Deux réflexes s’imposent :
- Vérifier l’imputabilité : les prestations imputées à votre compte doivent bien correspondre à l’accident reconnu. Toute prolongation ou rechute non médicalement justifiée peut être contestée.
- Contrôler la notification de taux : les éléments servant au calcul de votre taux figurent sur votre compte AT/MP consultable auprès de la Carsat. Une erreur d’imputation ou une prise en charge indue peut être contestée dans les délais impartis.
En cas de séquelles, une consolidation avec attribution d’un taux d’IPP peut donner lieu à une rente ou à une indemnité en capital, également imputée à votre compte. La contestation du taux d’IPP relève du pôle social du tribunal judiciaire.

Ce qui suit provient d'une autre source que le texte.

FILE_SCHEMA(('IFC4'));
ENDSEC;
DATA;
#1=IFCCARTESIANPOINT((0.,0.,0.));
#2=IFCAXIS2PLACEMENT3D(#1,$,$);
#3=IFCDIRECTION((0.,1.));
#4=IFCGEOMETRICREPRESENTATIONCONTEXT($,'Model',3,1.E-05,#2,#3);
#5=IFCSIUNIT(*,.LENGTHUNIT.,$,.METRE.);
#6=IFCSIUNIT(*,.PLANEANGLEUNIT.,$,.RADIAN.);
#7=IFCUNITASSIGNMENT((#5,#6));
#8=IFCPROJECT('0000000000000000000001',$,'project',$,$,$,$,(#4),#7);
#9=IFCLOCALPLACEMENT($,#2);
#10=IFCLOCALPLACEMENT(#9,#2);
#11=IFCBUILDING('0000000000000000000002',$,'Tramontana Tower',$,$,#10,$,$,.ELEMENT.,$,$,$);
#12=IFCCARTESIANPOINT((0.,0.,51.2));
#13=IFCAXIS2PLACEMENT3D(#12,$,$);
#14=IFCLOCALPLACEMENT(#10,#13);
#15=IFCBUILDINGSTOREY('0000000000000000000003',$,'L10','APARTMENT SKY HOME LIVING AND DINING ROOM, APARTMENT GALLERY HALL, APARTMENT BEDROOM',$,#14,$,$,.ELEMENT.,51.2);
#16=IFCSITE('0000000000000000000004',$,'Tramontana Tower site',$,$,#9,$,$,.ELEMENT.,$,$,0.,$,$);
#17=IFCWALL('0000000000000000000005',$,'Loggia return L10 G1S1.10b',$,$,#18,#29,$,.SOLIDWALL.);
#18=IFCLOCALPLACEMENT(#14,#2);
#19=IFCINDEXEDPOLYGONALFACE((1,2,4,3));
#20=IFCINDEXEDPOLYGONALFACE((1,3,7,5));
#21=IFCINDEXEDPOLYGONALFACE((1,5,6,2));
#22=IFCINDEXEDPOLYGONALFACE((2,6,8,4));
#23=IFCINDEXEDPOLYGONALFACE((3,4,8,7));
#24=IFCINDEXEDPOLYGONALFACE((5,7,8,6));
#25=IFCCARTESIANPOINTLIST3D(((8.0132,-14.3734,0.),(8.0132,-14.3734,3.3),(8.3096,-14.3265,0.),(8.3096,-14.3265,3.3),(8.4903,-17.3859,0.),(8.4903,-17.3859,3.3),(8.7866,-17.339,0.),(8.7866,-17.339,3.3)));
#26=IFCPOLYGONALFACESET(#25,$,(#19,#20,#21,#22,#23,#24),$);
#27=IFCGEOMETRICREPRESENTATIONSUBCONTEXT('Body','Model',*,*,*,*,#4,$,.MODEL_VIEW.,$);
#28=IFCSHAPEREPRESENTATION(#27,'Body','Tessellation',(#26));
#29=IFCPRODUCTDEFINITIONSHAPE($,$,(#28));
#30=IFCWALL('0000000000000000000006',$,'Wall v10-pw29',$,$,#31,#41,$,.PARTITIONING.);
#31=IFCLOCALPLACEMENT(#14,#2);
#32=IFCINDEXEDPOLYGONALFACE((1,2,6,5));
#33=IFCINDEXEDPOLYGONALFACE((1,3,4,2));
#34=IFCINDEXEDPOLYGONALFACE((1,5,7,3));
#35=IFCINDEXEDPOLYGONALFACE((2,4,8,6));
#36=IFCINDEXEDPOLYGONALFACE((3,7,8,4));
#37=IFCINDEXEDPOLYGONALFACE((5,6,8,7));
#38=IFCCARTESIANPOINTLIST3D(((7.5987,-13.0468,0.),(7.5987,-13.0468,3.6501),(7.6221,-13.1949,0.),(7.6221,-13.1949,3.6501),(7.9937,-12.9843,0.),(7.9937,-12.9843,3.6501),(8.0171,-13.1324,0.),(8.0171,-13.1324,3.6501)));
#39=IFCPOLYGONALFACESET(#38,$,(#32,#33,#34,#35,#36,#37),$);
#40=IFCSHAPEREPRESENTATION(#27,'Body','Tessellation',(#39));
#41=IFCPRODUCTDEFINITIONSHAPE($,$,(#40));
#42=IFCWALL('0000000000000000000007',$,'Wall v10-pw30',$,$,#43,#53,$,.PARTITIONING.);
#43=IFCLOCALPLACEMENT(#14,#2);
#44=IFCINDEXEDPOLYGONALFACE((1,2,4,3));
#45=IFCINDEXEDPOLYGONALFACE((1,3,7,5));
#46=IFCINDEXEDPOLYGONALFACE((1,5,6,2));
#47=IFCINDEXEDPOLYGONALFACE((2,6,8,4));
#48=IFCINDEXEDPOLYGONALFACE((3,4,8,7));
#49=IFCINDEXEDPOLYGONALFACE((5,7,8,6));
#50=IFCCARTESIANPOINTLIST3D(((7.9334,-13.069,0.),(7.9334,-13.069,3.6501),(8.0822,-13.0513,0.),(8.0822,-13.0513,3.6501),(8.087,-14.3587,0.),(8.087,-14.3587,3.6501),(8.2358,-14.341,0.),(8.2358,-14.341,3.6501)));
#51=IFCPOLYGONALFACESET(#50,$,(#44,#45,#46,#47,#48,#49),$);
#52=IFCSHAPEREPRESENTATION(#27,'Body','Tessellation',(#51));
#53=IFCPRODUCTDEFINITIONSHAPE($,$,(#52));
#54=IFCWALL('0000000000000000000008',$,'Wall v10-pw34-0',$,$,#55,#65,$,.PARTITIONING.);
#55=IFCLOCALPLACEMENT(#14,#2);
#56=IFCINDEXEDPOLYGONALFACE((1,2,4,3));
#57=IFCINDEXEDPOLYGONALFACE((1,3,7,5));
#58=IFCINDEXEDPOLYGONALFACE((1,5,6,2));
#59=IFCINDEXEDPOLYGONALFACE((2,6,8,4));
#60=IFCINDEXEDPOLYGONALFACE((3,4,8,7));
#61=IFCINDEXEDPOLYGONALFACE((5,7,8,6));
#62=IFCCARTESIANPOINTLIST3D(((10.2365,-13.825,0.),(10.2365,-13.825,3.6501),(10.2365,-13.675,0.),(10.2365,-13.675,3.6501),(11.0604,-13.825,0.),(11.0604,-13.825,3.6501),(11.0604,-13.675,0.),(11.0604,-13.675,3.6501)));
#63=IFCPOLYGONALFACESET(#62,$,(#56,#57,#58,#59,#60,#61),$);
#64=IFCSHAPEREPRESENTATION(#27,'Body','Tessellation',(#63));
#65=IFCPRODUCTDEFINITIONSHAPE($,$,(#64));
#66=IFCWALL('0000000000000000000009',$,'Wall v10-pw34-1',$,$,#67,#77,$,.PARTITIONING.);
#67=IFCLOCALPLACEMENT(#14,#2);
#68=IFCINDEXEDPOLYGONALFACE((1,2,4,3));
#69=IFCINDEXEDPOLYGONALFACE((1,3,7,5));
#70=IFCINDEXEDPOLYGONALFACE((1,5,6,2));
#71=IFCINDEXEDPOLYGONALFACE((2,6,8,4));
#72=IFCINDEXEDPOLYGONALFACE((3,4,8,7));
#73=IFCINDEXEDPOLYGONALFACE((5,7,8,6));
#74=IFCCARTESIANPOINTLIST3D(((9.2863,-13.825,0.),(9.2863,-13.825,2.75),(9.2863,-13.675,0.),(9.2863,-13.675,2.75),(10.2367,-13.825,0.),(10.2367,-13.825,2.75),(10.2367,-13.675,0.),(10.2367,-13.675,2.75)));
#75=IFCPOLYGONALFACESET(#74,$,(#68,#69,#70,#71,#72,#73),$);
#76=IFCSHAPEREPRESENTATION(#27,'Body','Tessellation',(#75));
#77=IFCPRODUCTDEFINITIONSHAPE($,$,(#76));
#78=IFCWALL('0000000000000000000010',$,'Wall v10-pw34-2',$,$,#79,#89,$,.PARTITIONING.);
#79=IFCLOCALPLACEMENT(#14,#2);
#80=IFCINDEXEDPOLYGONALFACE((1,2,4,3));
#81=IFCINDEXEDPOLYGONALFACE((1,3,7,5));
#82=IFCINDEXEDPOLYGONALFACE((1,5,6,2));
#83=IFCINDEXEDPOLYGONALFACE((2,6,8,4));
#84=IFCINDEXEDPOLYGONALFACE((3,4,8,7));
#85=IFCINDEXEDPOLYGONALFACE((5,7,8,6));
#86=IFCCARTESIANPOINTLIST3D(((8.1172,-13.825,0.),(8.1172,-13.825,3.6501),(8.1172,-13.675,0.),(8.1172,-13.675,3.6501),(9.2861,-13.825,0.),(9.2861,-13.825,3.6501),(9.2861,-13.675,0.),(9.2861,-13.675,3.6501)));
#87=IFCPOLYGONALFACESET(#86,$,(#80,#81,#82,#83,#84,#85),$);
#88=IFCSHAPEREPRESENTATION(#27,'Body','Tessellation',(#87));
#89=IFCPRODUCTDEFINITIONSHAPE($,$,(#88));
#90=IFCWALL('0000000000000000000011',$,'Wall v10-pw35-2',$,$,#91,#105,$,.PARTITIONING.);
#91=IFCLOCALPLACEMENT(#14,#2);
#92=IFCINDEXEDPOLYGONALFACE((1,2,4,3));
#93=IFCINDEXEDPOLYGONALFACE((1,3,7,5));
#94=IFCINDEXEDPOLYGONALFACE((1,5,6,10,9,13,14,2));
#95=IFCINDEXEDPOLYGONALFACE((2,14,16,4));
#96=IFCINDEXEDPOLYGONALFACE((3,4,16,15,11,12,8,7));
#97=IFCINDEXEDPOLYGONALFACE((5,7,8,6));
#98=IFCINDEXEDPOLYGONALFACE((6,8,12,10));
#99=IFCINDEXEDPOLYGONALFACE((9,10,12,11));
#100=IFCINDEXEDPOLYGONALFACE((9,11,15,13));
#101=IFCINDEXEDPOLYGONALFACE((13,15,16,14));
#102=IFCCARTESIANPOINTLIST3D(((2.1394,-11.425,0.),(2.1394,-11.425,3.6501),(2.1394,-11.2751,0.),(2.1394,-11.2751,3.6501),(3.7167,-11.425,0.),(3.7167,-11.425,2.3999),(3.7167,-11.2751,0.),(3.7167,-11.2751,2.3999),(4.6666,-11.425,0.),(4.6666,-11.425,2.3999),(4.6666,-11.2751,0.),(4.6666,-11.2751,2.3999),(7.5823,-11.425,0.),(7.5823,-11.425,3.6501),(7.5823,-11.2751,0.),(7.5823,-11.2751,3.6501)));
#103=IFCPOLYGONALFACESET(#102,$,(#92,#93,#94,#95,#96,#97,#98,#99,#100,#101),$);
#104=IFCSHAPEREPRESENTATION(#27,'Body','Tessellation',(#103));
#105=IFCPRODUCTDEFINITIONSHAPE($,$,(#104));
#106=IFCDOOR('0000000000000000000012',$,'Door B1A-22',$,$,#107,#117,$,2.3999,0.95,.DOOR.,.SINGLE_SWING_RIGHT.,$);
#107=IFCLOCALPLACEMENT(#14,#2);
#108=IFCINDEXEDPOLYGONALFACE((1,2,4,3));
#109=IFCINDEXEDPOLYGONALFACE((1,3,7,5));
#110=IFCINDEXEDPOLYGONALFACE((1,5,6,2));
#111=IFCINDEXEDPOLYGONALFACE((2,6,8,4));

gerermesatmp automatise le suivi de vos déclarations, calcule l’incidence des sinistres sur votre taux et vous alerte sur les délais de contestation, pour sécuriser la gestion de vos dossiers AT/MP tout au long de la période de reprise.
Questions fréquentes
Pouvez-vous refuser un mi-temps thérapeutique à votre salarié ?
Oui, mais votre refus doit être justifié par des motifs objectifs liés à l’impossibilité d’aménager le poste ou à l’organisation de l’entreprise. Un refus non motivé, alors que la reprise à temps partiel est prescrite et le poste aménageable, peut être requalifié en manquement à votre obligation de sécurité et de reclassement, avec un risque contentieux. Documentez toujours votre décision.

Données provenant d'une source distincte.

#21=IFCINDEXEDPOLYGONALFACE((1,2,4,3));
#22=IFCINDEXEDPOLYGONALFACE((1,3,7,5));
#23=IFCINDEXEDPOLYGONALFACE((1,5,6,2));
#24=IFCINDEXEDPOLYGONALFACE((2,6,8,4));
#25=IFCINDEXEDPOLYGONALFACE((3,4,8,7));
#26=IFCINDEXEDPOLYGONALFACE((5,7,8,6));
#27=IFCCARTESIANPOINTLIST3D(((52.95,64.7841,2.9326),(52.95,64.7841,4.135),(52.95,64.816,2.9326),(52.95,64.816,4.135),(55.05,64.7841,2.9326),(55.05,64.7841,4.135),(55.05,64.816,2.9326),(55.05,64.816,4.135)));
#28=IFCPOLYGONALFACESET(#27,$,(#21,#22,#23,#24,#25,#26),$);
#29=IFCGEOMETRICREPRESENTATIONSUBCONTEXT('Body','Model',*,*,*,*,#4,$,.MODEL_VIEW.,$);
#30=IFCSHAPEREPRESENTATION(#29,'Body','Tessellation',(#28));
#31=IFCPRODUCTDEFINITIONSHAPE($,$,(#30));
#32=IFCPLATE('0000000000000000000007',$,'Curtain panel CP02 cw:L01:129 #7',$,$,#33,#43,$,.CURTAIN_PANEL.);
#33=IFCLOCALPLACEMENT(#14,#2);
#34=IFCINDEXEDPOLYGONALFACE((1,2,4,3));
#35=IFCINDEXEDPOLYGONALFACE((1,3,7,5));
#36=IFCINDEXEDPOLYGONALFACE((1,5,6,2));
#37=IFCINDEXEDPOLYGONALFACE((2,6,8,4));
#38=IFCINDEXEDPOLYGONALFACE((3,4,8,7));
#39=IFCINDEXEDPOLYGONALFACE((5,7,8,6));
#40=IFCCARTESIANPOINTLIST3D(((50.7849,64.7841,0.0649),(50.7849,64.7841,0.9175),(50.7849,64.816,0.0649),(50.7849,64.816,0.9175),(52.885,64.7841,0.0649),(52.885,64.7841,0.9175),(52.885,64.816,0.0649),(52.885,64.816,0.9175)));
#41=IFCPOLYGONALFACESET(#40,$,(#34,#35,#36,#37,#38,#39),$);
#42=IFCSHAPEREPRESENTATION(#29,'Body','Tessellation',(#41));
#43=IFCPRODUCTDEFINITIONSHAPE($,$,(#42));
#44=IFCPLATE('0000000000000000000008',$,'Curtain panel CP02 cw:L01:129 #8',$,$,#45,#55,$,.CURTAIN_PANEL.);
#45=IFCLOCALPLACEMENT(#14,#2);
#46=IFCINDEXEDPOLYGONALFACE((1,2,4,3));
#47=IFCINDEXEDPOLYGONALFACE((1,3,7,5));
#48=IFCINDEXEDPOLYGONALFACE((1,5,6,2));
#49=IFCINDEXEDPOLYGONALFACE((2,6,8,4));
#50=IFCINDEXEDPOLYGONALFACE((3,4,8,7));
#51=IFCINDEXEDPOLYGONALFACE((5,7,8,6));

Faut-il un avenant au contrat de travail ?
Oui. Le mi-temps thérapeutique modifie temporairement la durée du travail : un avenant écrit est recommandé pour préciser la période, la répartition des horaires et le caractère temporaire du dispositif. Il ne transforme pas le contrat en temps partiel définitif ; à l’issue, le salarié retrouve ses conditions de travail antérieures, sauf inaptitude constatée.
Qui verse le salaire pendant le mi-temps thérapeutique après un AT ?

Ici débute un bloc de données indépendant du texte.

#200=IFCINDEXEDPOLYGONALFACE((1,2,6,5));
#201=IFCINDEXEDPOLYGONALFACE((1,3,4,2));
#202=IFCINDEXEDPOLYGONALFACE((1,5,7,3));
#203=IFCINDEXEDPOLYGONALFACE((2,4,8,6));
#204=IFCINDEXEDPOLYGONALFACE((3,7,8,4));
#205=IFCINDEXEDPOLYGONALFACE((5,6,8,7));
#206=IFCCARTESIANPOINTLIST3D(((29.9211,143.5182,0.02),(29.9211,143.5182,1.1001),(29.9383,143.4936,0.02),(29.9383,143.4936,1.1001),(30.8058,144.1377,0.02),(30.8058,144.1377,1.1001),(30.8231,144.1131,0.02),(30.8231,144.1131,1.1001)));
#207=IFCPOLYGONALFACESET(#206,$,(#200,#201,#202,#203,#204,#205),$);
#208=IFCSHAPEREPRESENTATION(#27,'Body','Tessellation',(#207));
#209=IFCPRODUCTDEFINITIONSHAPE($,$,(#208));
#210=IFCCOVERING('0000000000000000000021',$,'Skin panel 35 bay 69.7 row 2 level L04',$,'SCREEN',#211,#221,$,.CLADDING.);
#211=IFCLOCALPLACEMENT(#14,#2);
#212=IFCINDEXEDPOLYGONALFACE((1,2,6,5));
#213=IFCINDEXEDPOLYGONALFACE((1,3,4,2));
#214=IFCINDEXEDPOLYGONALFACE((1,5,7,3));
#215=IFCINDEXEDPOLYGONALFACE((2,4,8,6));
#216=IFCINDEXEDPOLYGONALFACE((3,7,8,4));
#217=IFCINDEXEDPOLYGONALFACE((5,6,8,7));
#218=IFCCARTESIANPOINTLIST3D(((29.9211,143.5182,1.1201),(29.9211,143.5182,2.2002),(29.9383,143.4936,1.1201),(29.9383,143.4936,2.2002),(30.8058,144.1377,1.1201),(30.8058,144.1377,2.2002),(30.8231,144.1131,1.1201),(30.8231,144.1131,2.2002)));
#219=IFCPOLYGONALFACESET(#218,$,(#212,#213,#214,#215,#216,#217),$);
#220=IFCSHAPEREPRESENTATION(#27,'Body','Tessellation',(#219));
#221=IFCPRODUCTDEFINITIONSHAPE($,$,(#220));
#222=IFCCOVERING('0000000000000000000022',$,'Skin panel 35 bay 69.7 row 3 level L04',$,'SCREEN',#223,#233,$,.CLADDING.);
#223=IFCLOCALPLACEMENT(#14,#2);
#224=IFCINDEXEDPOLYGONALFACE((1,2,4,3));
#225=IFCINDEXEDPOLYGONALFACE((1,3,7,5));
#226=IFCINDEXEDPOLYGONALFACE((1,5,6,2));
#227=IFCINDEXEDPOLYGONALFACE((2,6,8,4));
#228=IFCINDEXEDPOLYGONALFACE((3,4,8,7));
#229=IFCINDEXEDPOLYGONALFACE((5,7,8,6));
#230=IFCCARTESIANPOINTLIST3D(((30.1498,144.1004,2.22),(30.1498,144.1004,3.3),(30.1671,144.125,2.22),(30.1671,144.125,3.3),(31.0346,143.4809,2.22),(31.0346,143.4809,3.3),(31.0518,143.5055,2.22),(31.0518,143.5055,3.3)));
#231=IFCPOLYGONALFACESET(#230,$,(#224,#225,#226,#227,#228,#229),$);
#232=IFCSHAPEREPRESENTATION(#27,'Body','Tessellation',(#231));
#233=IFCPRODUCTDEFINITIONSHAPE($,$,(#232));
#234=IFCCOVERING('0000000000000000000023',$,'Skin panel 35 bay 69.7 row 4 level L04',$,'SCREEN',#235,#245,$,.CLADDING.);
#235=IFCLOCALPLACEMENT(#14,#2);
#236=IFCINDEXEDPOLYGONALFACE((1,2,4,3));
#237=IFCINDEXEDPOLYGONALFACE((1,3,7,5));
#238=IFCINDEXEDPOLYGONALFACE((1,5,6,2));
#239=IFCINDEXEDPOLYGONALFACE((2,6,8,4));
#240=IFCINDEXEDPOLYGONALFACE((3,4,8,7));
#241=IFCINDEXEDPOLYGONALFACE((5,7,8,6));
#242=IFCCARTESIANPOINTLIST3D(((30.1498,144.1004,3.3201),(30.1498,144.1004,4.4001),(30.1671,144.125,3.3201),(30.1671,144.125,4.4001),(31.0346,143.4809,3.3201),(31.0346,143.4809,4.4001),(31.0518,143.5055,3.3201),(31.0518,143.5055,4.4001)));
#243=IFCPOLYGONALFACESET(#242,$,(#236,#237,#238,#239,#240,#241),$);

Vous versez le salaire correspondant aux heures réellement travaillées. La CPAM complète par des indemnités journalières au titre de la législation AT/MP, dans la limite du salaire à temps plein reconstitué. Un éventuel complément conventionnel ou de prévoyance peut également s’appliquer selon votre convention collective.
Le mi-temps thérapeutique aggrave-t-il votre taux de cotisation AT/MP ?
Indirectement, oui : les IJ versées pendant cette période prolongent l’indemnisation du sinistre AT initial, dont le coût est imputé à votre compte employeur et pris en compte dans le calcul du taux. Contrôlez l’imputabilité des prestations et la notification de votre taux : une imputation erronée peut être contestée dans les délais légaux.
Que se passe-t-il si le salarié ne peut pas reprendre à temps plein ensuite ?
Si, à l’issue du temps partiel thérapeutique, le médecin du travail conclut à une inaptitude, vous devez engager la procédure de recherche de reclassement propre aux salariés dont l’inaptitude a une origine professionnelle. Les règles de reclassement et d’indemnisation renforcées applicables aux AT/MP s’appliquent alors, distinctes de l’inaptitude de droit commun.
L’essentiel pour votre service RH
Le mi-temps thérapeutique après un accident du travail repose sur une prescription médicale, l’accord du médecin-conseil et votre acceptation en tant qu’employeur. Formalisez toujours l’aménagement par un avenant, respectez la visite de reprise et transmettez des attestations de salaire exactes pour un calcul juste des indemnités journalières. Gardez en tête que la période de reprise progressive prolonge l’imputation du sinistre à votre compte AT/MP : surveillez l’imputabilité et vos notifications de taux. Pour fiabiliser vos déclarations, suivre les délais et anticiper l’impact sur votre taux, gerermesatmp outille l’ensemble de votre gestion AT/MP, de la déclaration initiale au suivi des séquelles.
Références : article L.433-1 du Code de la sécurité sociale (maintien des indemnités journalières en cas de reprise d’un travail léger favorisant la guérison) ; livre IV du Code de la sécurité sociale relatif aux accidents du travail et maladies professionnelles.